Aktuell erscheint der VDST-sporttaucher sechs mal im Jahr als Printausgabe. Parallel dazu gibt es (seit Jahren) das identische Heft als PDF zum download auf der Verbands-Webseite vdst.de und seit Ausgabe 5/18 erscheinen die selben Inhalte (und mehr) im sporttaucher.net, unserer aktuellen Magazin-Webseite.
Damit bietet der VDST schon jetzt eine einzigartige Kombination zur Mitgliederkommunikation – finanziert aus Mitgliedsbeiträgen und unabhängig von Anzeigen.
Jetzt wollen wir noch besser werden und das Miteinander von online und print ausbauen. Wie immer hätten wir dazu auch gern die Meinung unserer Mitglieder angehört.

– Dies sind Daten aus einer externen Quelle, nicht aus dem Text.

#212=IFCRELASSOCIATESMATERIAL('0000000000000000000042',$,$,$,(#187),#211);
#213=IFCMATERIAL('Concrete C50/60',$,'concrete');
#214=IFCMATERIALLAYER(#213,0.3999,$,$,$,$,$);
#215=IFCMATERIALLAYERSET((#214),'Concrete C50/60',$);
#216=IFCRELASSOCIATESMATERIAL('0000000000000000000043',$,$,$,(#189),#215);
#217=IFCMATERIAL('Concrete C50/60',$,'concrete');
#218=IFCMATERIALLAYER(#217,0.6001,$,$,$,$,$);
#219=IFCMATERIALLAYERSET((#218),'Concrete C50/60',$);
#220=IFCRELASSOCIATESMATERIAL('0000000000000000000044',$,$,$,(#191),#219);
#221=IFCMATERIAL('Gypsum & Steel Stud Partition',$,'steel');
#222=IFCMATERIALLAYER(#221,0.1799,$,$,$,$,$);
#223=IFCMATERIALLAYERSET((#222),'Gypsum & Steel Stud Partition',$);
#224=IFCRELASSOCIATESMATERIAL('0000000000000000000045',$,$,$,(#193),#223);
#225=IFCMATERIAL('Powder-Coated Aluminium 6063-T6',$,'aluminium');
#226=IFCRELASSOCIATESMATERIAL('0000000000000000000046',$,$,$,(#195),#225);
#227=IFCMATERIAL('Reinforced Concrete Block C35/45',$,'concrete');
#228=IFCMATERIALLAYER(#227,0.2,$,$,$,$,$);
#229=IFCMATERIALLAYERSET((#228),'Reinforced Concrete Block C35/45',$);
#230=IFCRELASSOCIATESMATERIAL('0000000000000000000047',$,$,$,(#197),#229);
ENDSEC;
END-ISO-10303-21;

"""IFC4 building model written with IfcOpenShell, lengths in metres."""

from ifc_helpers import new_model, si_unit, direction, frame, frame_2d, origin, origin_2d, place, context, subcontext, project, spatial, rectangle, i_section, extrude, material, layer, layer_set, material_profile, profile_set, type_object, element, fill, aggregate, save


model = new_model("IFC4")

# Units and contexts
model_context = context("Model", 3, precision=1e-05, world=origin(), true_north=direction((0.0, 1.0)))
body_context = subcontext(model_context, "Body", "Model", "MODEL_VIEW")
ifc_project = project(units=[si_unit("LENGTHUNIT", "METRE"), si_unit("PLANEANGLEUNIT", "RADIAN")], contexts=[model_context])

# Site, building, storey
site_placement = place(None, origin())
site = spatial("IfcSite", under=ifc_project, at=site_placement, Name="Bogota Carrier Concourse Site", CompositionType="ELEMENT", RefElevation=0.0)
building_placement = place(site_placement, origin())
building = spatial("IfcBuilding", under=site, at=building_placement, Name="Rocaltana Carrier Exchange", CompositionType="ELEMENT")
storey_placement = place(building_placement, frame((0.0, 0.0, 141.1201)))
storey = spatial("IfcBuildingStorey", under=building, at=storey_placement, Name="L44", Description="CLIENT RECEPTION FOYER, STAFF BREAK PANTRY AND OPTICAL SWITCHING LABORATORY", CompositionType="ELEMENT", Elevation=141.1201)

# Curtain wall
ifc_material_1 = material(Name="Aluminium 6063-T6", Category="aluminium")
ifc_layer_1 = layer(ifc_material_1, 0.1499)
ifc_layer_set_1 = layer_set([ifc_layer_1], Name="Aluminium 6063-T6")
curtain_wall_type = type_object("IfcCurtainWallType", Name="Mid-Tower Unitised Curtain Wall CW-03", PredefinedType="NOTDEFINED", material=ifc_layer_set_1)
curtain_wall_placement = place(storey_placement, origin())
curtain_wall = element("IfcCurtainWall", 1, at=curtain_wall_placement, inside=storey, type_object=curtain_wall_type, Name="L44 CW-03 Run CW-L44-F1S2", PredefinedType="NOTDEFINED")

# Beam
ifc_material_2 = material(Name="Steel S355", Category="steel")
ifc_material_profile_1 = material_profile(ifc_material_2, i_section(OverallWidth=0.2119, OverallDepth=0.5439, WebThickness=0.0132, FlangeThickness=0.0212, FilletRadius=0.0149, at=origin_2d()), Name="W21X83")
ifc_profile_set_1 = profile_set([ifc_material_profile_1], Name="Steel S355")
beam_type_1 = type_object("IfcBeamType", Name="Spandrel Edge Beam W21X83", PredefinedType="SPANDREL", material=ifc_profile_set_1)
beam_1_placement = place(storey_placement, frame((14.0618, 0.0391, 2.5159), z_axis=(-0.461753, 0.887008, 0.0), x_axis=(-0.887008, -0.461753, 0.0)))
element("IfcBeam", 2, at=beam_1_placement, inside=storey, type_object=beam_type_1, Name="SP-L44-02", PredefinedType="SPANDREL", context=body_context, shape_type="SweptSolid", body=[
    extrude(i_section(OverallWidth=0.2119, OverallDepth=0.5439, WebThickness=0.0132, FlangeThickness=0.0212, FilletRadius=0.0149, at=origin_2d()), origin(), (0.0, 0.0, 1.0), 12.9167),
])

Deshalb unsere aktuelle Umfrage, die durch unsere Notausgabe noch zusätzlich angeheizt wurde.

View Results

Loading ... Loading ...


Bis zur Corona-Krise haben die Anzeigeneinnahmen den Druck unserer Verbandszeitschrift finanziert (25.000 Euro pro Ausgabe).
Nach der C-Krise wird es für lange Zeit weniger bis keine Anzeigen aus der Tauchbranche mehr geben und wir sind auf uns allein gestellt, die Kosten zu finanzieren.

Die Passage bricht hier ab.